On legal perspectives the lawyer clarified ownership of land with respect to primary and secondary rights. He interpreted:

“Our land is tribally owned by people of the same tribe. Therefore all of us whom our fathers are from the tribe are owners; meaning we have the primary rights to the land. Any commercial indication of development has to be channelled through a committee which will be formed by the male line (wela kwalafia). Those from the female lines (di’i or waikwalina) have the secondary rights. Meaning they only have access to land to make gardens for family consumption and not the right to involve in any activity that domain in commercial nature”

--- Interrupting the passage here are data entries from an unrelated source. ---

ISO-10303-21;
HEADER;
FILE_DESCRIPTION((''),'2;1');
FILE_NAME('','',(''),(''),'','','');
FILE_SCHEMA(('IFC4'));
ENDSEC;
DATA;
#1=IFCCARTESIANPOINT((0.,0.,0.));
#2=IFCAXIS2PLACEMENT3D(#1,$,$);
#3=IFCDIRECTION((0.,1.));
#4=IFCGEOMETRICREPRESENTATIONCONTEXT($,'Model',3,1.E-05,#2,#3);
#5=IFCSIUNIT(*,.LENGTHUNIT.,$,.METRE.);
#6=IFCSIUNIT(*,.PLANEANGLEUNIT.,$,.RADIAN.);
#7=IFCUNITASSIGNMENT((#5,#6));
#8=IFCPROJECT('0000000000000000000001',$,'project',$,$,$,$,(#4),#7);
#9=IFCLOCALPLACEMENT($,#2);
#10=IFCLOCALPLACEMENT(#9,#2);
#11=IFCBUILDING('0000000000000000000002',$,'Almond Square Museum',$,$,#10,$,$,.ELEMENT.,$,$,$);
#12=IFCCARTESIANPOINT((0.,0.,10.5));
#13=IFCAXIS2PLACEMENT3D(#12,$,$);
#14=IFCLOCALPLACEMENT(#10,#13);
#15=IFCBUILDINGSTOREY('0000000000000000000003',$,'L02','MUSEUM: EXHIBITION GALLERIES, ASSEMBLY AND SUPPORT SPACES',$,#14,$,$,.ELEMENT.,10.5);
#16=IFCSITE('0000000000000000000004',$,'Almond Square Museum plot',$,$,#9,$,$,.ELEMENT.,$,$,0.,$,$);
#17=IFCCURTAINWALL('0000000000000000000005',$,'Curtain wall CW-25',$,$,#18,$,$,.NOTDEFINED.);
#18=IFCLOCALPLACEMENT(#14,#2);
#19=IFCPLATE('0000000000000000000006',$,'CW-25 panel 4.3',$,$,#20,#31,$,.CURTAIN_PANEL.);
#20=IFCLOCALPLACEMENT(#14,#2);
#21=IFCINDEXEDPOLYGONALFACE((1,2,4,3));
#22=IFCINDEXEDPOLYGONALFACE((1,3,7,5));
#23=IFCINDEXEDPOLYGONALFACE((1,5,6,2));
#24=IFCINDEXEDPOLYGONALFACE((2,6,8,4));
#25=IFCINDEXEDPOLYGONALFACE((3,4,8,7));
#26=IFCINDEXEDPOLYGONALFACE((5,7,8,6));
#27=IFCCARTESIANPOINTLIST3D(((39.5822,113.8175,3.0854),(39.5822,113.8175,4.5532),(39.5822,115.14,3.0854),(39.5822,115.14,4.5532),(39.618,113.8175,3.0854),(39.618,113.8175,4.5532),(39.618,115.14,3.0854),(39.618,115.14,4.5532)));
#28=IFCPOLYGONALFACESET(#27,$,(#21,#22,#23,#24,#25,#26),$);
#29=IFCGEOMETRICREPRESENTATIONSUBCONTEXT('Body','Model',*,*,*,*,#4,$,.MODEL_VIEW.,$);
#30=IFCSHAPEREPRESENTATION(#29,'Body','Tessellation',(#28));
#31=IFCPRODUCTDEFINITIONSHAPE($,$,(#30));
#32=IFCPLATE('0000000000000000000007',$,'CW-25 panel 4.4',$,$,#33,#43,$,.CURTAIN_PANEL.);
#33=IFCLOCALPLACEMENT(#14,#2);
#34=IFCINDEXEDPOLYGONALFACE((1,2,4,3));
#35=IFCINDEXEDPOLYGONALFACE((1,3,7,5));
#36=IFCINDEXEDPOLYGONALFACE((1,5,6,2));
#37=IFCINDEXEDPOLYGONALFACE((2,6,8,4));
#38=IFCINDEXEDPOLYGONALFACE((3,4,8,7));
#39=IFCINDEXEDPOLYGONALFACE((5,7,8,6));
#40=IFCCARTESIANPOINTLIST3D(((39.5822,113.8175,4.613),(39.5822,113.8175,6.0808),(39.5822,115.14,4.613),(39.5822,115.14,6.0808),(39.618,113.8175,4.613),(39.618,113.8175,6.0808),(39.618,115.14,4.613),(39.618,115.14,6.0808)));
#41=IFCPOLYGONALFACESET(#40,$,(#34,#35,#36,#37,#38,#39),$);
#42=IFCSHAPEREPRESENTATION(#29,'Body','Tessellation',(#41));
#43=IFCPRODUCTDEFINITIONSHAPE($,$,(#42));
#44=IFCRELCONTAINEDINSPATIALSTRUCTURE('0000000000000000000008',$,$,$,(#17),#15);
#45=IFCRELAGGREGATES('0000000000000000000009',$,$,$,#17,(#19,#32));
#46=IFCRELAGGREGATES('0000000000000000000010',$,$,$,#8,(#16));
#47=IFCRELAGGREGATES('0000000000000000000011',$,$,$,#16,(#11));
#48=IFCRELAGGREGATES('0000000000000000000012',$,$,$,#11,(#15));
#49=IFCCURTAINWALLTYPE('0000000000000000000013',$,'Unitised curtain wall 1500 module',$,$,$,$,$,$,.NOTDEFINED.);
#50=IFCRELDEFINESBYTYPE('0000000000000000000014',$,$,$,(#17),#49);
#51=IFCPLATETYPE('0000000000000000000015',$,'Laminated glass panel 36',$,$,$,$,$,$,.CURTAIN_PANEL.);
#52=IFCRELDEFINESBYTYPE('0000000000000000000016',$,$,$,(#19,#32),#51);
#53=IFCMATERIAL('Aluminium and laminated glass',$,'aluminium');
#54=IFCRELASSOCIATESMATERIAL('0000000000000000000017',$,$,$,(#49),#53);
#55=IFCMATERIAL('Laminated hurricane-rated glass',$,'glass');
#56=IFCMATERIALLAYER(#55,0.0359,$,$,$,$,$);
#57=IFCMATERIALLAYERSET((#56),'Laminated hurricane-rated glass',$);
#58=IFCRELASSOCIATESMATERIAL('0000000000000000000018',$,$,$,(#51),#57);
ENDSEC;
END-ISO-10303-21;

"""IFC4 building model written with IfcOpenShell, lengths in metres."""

from ifc_helpers import new_model, si_unit, direction, frame, origin, origin_2d, place, context, subcontext, project, spatial, rectangle, extrude, material, layer, layer_set, type_object, element, aggregate, save


model = new_model("IFC4")

# Units and contexts
model_context = context("Model", 3, precision=1e-05, world=origin(), true_north=direction((0.0, 1.0)))
body_context = subcontext(model_context, "Body", "Model", "MODEL_VIEW")
ifc_project = project(units=[si_unit("LENGTHUNIT", "METRE"), si_unit("PLANEANGLEUNIT", "RADIAN")], contexts=[model_context])

# Site, building, storey
site_placement = place(None, origin())
site = spatial("IfcSite", under=ifc_project, at=site_placement, Name="Almond Square Museum plot", CompositionType="ELEMENT", RefElevation=0.0)
building_placement = place(site_placement, origin())
building = spatial("IfcBuilding", under=site, at=building_placement, Name="Almond Square Museum", CompositionType="ELEMENT")
storey_placement = place(building_placement, frame((0.0, 0.0, 10.5)))
storey = spatial("IfcBuildingStorey", under=building, at=storey_placement, Name="L02", Description="MUSEUM: EXHIBITION GALLERIES, ASSEMBLY AND SUPPORT SPACES", CompositionType="ELEMENT", Elevation=10.5)

# Shared definitions
ifc_material_1 = material(Name="Aluminium and laminated glass", Category="aluminium")
curtain_wall_type = type_object("IfcCurtainWallType", Name="Unitised curtain wall 1500 module", PredefinedType="NOTDEFINED", material=ifc_material_1)

# Curtain wall
curtain_wall_1_placement = place(storey_placement, origin())
curtain_wall_1 = element("IfcCurtainWall", 1, at=curtain_wall_1_placement, inside=storey, type_object=curtain_wall_type, Name="Curtain wall CW-25", PredefinedType="NOTDEFINED")

# Plates
ifc_material_2 = material(Name="Laminated hurricane-rated glass", Category="glass")
ifc_layer = layer(ifc_material_2, 0.0359)
ifc_layer_set = layer_set([ifc_layer], Name="Laminated hurricane-rated glass")
plate_type = type_object("IfcPlateType", Name="Laminated glass panel 36", PredefinedType="CURTAIN_PANEL", material=ifc_layer_set)
plate_1_placement = place(storey_placement, frame((39.6001, 114.4788, 3.0854), z_axis=(0.0, 0.0, 1.0), x_axis=(0.0, 1.0, 0.0)))
plate_1 = element("IfcPlate", 2, at=plate_1_placement, type_object=plate_type, Name="CW-25 panel 4.3", PredefinedType="CURTAIN_PANEL", context=body_context, shape_type="SweptSolid", body=[
    extrude(rectangle(XDim=1.3225, YDim=0.0359, at=origin_2d()), origin(), (0.0, 0.0, 1.0), 1.4678),
])
plate_2_placement = place(storey_placement, frame((39.6001, 114.4788, 4.613), z_axis=(0.0, 0.0, 1.0), x_axis=(0.0, 1.0, 0.0)))
plate_2 = element("IfcPlate", 3, at=plate_2_placement, type_object=plate_type, Name="CW-25 panel 4.4", PredefinedType="CURTAIN_PANEL", context=body_context, shape_type="SweptSolid", body=[
    extrude(rectangle(XDim=1.3225, YDim=0.0359, at=origin_2d()), origin(), (0.0, 0.0, 1.0), 1.4678),
])
aggregate(curtain_wall_1, [plate_1, plate_2])

save(model, "model.ifc")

(Nuta, Interview, 15.06.07).

The above perception surfaces the incongruence between the English common law and the customary laws. One interviewee metaphorically explained as ‘troubled marriage.’ He argued:

“For me the biggest complexity is in the often ‘troubled marriage’ between the adopted English common law perspective of land ownership and our own customary laws. I agree with critiques that some of the concepts, including primary and secondary rights, and the process of land registration and title ownership have, in my opinion, contributed towards muddying our public opinion and collective thought on land issues in our shores. As I see it, we are in limbo, as the aforementioned marriage between two sets of thinking on land has in many instances bred an off spring that is a split personality of the two. Of course culture adapts and changes with time. Our constitution already recognizes the role of customary and many of our people still claim to hold on to custom. The challenge lies in making the aforementioned marriage work” (Kiro, Interview, 09.06.07).

Another participant argued for the customary perspective that those from the female lines (wai kwalina) are equally important to them and is imprudent to classify them as primary and secondary landowners. He claimed:

“Most of this so called 'secondary landowners' are our own blood. I found it absurd to confine them to access rights only. To be frank, the secondary landowners are our sister’s sons and daughters, and why reducing their chances to equally benefit from their forefather’s land?